Die ökologische Gesamtbilanz – sehr wenig grauer Energieeintrag wegen des Strohanteils und möglichst sägerauen Hölzern, wenig Energieverbrauch im Betrieb – wird mit einer thermischen Solaranlage an der Südfassade und einer Indach-Photovoltaik-Anlage komplettiert. Mit der Solarthermie wird ein 3930 Liter-Pufferspeicher erwärmt. Im Winter und der Übergangszeit hilft ein Stückholzofen mit Wassertasche, um den Wasserspeicher zu erwärmen und die Wand- und Fußbodenheizungen mit Wärme zu versorgen.

„Meine Erwartungen an den Strohballenbau und an das Gesamtkonzept haben sich voll erfüllt“, sagt Kai Klotzbach zufrieden. Die Baustelle sei nach Plan gelaufen und durch den hohen Eigenleistungsanteil konnte er die Kosten senken. Im Spätsommer wurde die Fassade aus Douglasie montiert. Die wilde Deckung mit unterschiedlichen Breiten – über den Holzweichfaserplatten montiert – geht auf der Traufseite über zwei Geschosse, an der Giebelseite sogar über drei Geschosse ohne Stoß. Ende des Jahres möchte Kai Klotzbach mit seiner Familie einziehen.

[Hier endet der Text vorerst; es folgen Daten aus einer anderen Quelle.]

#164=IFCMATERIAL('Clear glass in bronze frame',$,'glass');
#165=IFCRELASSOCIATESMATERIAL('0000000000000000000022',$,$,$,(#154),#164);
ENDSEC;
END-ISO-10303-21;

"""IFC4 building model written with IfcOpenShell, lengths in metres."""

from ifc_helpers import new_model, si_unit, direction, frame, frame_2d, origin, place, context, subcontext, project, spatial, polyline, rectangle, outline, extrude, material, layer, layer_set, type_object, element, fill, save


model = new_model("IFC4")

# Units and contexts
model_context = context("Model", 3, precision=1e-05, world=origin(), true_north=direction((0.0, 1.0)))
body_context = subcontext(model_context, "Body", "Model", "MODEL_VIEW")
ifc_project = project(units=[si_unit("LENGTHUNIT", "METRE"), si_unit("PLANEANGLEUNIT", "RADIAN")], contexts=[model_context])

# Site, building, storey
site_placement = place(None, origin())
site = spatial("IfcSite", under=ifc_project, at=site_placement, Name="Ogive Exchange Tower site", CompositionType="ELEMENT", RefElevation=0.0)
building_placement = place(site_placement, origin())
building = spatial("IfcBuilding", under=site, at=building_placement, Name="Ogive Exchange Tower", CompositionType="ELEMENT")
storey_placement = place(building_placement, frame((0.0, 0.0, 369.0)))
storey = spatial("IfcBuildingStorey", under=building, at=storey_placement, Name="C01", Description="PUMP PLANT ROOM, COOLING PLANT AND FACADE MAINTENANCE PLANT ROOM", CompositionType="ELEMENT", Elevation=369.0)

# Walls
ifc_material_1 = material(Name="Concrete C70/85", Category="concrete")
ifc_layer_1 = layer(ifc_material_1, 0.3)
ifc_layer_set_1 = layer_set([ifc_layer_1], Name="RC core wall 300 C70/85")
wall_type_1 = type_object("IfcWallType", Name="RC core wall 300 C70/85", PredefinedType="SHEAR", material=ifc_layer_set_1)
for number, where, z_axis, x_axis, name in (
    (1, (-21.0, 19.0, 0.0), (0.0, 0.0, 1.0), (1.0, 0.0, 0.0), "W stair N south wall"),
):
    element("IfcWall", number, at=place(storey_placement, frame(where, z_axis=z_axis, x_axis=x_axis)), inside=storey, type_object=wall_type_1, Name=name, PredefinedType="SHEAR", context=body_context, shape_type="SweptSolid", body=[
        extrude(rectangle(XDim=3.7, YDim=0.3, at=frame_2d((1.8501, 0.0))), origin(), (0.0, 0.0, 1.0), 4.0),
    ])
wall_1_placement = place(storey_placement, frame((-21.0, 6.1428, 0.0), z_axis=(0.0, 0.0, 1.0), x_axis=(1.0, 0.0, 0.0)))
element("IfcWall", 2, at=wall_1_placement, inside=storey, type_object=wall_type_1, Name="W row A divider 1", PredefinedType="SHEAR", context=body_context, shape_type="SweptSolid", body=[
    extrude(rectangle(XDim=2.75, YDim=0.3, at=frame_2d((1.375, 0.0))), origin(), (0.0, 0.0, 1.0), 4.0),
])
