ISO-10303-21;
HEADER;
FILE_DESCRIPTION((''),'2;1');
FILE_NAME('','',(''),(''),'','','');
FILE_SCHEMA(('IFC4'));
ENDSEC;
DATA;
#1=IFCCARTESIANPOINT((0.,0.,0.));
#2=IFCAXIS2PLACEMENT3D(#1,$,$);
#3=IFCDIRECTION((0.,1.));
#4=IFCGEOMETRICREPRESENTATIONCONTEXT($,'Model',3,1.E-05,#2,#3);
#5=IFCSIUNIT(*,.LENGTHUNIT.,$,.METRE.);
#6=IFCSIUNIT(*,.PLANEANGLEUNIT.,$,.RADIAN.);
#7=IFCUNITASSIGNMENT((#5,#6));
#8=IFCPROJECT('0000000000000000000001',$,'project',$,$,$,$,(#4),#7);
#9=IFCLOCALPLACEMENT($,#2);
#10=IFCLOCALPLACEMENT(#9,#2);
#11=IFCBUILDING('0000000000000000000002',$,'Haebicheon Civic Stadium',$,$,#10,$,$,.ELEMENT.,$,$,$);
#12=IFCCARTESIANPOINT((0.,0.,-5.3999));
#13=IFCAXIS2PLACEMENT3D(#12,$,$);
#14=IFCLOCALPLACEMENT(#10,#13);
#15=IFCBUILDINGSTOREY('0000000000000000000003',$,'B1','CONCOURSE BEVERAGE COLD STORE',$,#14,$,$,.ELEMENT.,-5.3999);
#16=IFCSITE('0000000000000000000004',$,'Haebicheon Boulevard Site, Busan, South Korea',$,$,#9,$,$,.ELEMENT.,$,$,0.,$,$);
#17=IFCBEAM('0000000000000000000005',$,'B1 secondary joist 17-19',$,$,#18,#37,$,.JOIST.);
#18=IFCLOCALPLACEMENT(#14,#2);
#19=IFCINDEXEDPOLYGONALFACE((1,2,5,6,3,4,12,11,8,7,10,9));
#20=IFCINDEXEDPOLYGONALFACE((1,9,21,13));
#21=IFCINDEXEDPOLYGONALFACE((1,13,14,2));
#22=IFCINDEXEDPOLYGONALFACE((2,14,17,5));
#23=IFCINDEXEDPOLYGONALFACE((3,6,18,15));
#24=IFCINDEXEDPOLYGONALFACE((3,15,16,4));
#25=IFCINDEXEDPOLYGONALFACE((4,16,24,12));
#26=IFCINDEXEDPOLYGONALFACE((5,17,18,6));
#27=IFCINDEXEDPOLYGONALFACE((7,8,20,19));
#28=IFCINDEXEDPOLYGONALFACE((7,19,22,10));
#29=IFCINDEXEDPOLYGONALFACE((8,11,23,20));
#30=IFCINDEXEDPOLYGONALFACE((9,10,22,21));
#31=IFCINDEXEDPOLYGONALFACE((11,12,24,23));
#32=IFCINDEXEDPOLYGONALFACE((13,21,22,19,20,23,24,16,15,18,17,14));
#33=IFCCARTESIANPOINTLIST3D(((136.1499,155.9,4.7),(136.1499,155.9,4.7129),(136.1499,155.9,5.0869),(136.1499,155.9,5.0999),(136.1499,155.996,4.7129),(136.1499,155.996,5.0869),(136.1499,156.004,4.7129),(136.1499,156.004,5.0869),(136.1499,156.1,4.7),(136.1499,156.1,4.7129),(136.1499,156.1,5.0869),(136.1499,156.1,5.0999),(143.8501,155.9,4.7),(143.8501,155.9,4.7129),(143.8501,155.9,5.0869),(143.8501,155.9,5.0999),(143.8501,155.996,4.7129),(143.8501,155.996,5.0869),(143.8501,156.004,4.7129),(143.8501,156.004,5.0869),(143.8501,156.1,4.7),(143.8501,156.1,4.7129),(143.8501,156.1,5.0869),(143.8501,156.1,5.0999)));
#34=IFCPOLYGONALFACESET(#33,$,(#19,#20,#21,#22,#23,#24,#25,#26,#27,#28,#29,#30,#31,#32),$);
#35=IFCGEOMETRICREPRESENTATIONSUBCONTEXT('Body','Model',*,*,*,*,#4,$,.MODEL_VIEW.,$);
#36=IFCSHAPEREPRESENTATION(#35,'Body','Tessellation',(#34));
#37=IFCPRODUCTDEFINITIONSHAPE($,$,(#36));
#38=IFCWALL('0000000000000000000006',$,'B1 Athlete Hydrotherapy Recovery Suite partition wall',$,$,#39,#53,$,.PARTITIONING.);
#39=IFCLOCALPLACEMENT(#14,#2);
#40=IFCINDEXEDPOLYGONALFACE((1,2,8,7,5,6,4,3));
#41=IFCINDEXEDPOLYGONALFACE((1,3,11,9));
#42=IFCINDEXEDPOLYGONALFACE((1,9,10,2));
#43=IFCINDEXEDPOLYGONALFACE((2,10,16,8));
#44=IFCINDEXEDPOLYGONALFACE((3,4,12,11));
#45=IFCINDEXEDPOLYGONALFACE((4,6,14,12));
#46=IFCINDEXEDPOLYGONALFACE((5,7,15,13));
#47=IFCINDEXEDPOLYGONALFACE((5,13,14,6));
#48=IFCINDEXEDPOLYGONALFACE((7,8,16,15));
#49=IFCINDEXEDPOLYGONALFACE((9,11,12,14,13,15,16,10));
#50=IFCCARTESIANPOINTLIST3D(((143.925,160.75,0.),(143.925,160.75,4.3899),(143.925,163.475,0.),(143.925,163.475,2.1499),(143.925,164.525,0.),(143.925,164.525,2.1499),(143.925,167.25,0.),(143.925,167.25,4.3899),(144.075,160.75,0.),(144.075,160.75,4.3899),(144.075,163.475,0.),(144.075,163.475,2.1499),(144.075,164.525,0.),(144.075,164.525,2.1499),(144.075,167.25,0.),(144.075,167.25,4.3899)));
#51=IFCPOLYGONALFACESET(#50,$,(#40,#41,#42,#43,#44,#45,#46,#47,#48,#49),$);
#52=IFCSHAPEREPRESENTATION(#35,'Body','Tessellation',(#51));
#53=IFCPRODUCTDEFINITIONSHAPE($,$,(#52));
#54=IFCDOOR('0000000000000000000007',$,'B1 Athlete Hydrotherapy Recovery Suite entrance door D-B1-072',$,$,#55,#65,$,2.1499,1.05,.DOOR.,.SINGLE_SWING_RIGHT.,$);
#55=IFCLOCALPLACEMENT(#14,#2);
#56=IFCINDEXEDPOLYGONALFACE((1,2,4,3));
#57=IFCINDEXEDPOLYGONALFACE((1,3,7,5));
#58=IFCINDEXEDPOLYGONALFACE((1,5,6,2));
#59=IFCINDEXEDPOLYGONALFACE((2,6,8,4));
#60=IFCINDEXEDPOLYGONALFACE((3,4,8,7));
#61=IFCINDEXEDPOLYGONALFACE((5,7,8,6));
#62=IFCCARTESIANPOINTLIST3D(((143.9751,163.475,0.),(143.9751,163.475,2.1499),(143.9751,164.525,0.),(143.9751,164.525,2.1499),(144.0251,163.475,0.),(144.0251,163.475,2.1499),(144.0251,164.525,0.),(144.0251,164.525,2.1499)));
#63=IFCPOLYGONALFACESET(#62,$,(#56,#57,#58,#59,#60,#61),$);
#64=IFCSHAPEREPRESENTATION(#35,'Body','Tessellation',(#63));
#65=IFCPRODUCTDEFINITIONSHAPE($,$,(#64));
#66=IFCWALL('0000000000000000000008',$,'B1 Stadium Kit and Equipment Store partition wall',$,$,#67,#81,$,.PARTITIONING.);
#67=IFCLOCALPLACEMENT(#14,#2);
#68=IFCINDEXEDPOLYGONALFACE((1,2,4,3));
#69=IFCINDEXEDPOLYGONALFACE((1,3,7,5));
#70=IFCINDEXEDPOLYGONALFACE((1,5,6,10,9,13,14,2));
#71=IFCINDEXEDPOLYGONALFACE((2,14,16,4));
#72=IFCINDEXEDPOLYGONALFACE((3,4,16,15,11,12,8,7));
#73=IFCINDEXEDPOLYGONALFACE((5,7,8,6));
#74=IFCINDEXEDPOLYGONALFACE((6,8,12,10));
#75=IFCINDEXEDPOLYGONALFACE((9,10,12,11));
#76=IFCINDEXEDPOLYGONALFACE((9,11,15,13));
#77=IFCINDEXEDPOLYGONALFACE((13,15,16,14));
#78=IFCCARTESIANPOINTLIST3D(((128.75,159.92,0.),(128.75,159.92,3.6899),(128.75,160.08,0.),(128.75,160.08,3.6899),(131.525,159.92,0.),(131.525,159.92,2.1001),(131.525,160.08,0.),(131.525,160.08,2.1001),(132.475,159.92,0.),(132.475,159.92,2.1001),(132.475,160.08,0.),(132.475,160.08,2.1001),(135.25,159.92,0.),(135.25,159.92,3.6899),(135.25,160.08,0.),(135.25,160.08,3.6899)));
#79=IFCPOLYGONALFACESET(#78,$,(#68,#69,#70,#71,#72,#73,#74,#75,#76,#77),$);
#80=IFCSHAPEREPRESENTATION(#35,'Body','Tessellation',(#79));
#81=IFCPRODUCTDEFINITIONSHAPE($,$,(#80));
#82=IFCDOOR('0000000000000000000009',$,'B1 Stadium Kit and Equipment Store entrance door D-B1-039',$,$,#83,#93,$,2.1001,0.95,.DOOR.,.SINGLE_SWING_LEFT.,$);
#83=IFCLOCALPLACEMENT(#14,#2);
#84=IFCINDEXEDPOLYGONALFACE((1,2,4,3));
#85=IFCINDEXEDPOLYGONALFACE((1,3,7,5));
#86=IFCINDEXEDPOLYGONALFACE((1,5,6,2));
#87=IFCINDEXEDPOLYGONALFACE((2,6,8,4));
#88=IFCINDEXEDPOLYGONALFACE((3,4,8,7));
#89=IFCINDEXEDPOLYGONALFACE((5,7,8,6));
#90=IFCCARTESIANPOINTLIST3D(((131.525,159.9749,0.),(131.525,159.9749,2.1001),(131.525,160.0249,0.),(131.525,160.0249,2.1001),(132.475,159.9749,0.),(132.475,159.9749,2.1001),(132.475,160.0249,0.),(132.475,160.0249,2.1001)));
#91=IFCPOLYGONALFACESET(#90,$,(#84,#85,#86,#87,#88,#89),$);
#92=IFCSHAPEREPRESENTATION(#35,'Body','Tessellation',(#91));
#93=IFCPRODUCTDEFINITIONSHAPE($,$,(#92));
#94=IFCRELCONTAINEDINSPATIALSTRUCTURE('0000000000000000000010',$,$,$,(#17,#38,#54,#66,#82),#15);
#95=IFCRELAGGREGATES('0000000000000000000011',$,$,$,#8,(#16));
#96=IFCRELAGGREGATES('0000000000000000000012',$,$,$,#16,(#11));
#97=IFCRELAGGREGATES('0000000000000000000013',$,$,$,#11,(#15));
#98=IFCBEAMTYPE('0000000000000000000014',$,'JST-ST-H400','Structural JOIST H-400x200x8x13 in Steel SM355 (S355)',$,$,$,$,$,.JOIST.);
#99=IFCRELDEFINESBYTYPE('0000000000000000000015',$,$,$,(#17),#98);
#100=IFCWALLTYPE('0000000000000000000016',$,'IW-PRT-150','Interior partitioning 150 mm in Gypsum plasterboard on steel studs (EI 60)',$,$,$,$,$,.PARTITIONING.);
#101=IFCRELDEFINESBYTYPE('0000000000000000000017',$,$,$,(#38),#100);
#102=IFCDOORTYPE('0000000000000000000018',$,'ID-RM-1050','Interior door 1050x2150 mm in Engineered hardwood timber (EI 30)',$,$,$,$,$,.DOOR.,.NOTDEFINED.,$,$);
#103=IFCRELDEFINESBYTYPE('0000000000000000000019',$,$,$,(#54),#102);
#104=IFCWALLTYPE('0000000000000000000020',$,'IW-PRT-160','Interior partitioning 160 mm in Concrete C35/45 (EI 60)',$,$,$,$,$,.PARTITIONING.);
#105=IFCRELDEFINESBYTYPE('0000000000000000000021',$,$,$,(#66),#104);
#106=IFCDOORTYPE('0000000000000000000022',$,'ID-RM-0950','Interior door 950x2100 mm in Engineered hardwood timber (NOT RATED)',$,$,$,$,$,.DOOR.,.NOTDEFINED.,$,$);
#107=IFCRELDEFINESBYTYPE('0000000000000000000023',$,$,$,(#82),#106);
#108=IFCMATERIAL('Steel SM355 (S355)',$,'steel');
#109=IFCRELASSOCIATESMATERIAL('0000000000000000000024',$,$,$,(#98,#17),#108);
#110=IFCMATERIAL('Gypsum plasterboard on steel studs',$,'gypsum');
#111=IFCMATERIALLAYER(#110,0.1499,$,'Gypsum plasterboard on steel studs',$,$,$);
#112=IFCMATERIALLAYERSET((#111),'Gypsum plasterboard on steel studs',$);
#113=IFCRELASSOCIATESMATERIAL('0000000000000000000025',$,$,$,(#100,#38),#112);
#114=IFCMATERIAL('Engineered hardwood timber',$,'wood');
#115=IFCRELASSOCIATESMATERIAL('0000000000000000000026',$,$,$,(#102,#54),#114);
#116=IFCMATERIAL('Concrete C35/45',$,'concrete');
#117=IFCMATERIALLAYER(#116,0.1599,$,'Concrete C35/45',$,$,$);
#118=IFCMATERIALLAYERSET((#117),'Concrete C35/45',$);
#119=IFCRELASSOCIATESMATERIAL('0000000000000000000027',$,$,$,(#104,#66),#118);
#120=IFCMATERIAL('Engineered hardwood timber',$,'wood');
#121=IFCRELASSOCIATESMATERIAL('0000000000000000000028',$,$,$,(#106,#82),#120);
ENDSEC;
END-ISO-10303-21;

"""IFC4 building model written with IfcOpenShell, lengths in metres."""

from ifc_helpers import new_model, si_unit, direction, frame, frame_2d, origin, origin_2d, place, context, subcontext, project, spatial, rectangle, i_section, extrude, material, layer, layer_set, material_profile, profile_set, type_object, element, fill, save


model = new_model("IFC4")

# Units and contexts
model_context = context("Model", 3, precision=1e-05, world=origin(), true_north=direction((0.0, 1.0)))
body_context = subcontext(model_context, "Body", "Model", "MODEL_VIEW")
ifc_project = project(units=[si_unit("LENGTHUNIT", "METRE"), si_unit("PLANEANGLEUNIT", "RADIAN")], contexts=[model_context])

# Site, building, storey
site_placement = place(None, origin())
site = spatial("IfcSite", under=ifc_project, at=site_placement, Name="Haebicheon Boulevard Site, Busan, South Korea", CompositionType="ELEMENT", RefElevation=0.0)
building_placement = place(site_placement, origin())
building = spatial("IfcBuilding", under=site, at=building_placement, Name="Haebicheon Civic Stadium", CompositionType="ELEMENT")
storey_placement = place(building_placement, frame((0.0, 0.0, -5.3999)))
storey = spatial("IfcBuildingStorey", under=building, at=storey_placement, Name="B1", Description="CONCOURSE BEVERAGE COLD STORE", CompositionType="ELEMENT", Elevation=-5.3999)

# Beam
ifc_material_1 = material(Name="Steel SM355 (S355)", Category="steel")
ifc_material_profile_1 = material_profile(ifc_material_1, i_section(OverallWidth=0.2, OverallDepth=0.3999, WebThickness=0.0081, FlangeThickness=0.0129, at=origin_2d()), Name="H-400x200x8x13")
ifc_profile_set_1 = profile_set([ifc_material_profile_1], Name="Steel SM355 (S355)")
beam_type_1 = type_object("IfcBeamType", Name="JST-ST-H400", Description="Structural JOIST H-400x200x8x13 in Steel SM355 (S355)", PredefinedType="JOIST", material=ifc_profile_set_1)
for number, where, z_axis, x_axis, name in (
    (1, (136.1499, 156.0, 4.8999), (1.0, 0.0, 0.0), (0.0, 1.0, 0.0), "B1 secondary joist 17-19"),
):
    element("IfcBeam", number, at=place(storey_placement, frame(where, z_axis=z_axis, x_axis=x_axis)), inside=storey, type_object=beam_type_1, material=ifc_profile_set_1, Name=name, PredefinedType="JOIST", context=body_context, shape_type="SweptSolid", body=[
        extrude(i_section(OverallWidth=0.2, OverallDepth=0.3999, WebThickness=0.0081, FlangeThickness=0.0129, at=origin_2d()), origin(), (0.0, 0.0, 1.0), 7.7002),
    ])

# Walls, openings, doors
ifc_material_2 = material(Name="Gypsum plasterboard on steel studs", Category="gypsum")
ifc_layer_1 = layer(ifc_material_2, 0.1499, Name="Gypsum plasterboard on steel studs")
ifc_layer_set_1 = layer_set([ifc_layer_1], Name="Gypsum plasterboard on steel studs")
wall_type_1 = type_object("IfcWallType", Name="IW-PRT-150", Description="Interior partitioning 150 mm in Gypsum plasterboard on steel studs (EI 60)", PredefinedType="PARTITIONING", material=ifc_layer_set_1)
wall_1_placement = place(storey_placement, frame((144.0, 160.75, 0.0), z_axis=(0.0, 0.0, 1.0), x_axis=(0.0, 1.0, 0.0)))
wall_1 = element("IfcWall", 2, at=wall_1_placement, inside=storey, type_object=wall_type_1, material=ifc_layer_set_1, Name="B1 Athlete Hydrotherapy Recovery Suite partition wall", PredefinedType="PARTITIONING", context=body_context, shape_type="SweptSolid", body=[
    extrude(rectangle(XDim=6.5, YDim=0.1499, at=frame_2d((3.25, 0.0))), origin(), (0.0, 0.0, 1.0), 4.3899),
])
opening_1_placement = place(wall_1_placement, frame((2.7251, 0.0, 0.0)))
opening_1 = element("IfcOpeningElement", 3, at=opening_1_placement, cuts=wall_1, PredefinedType="OPENING", context=body_context, shape_type="SweptSolid", body=[
    extrude(rectangle(XDim=1.05, YDim=2.1499, at=frame_2d((0.5249, 1.075))), frame((0.0, 0.085, 0.0), z_axis=(0.0, -1.0, 0.0), x_axis=(1.0, 0.0, 0.0)), (0.0, 0.0, 1.0), 0.1699),
])
ifc_material_3 = material(Name="Engineered hardwood timber", Category="wood")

Auch der Architekt ist zufrieden: „Man fühlt sich in so einem Haus einfach wohl“, antwortet Otto Merz auf die Frage, weshalb er Strohballenhäuser baue. „Ich habe es dabei auch oft mit einer entspannten Bauherrenschaft zu tun“, beschreibt er die Menschen, mit denen er seine Häuser baut (siehe Interview). Nach dem zwölften oder dreizehnten Haus, es sind inzwischen so viele, dass er es nicht mehr genau weiß, hat es sich inzwischen herumgesprochen, dass er im südlichen Baden-Württemberg als der ausgewiesene Fachmann beim Bauen mit Stroh gilt. „Den Kunden muss ich nun nicht mehr hinterherlaufen, die kommen zu mir“, sagt Otto Merz.

Autor

Rüdiger Sinn ist freier Journalist und Mitarbeiter der Redaktion dach+holzbau.

Bautafel (Auswahl)

Projekt Bau eines Strohballenhauses in KfW40-Standard in 72514 Inzigkofen-Engelswies (BW)

Holzbau Dreher Bau GmbH & Co. KG, 72514 Inzigkofen-Vilsingen, www.dreherbau.de

Architekt  Otto Merz, Architekturbüro, 78183 Hüfingen (Mundelfingen), , https://otto-merz.eu/

Gebäudetechnik Hartmann Energietechnik GmbH, 72108 Rottenburg-Oberndorf,

www.hartmann-energietechnik.de

Herstellerindex (Auswahl) 

Dachdeckung  Braas „Tegalit“, www.braas.de

PV-Anlage Indachanlage auf der Südseite des Hauses, Winkler Solar, A-6800 Feldkirch, www.winklersolar.com

Solarthermie Flachkollektor, Winkler Solar

Stückholzofen „Powall Sonne“, 27 kw davon 22 kw direkt ins wasserführende Heizsystem, Powall Energietechnik GmbH, 83627 Warngau, www.powall.de

Energiekonzept

Das KfW-40-Haus in Inzigkofen-Engelswies (Landkreis Sigmaringen) ist ein sogenanntes Sonnenhaus, das heißt, mehr als 50 Prozent der Heizenergie wird über Sonneneinstrahlung erzielt. Das Herzstück ist der 3930 Liter fassende Pufferspeicher. Dieser wird bivalent betrieben: zum einen über die Solarthermieanlage an der Südfassade, zum anderen über einen Kachelofen mit Wassertasche. Der Kachelofen strahlt in den Wohnbereich, die Wassertasche lädt den Pufferspeicher. Die Wärmeverteilung wird vervollständigt durch Flächenheizungen im Haus (Fußbodenheizung in den Bädern und Wandheizung in den Wohnräumen). Eine Photovoltaik-Indach-Anlage ist auf der Südseite des Hauses verlegt und ersetzt hier die Dachdeckung (Solarstromanlage mit 11,16 kWp Leistung).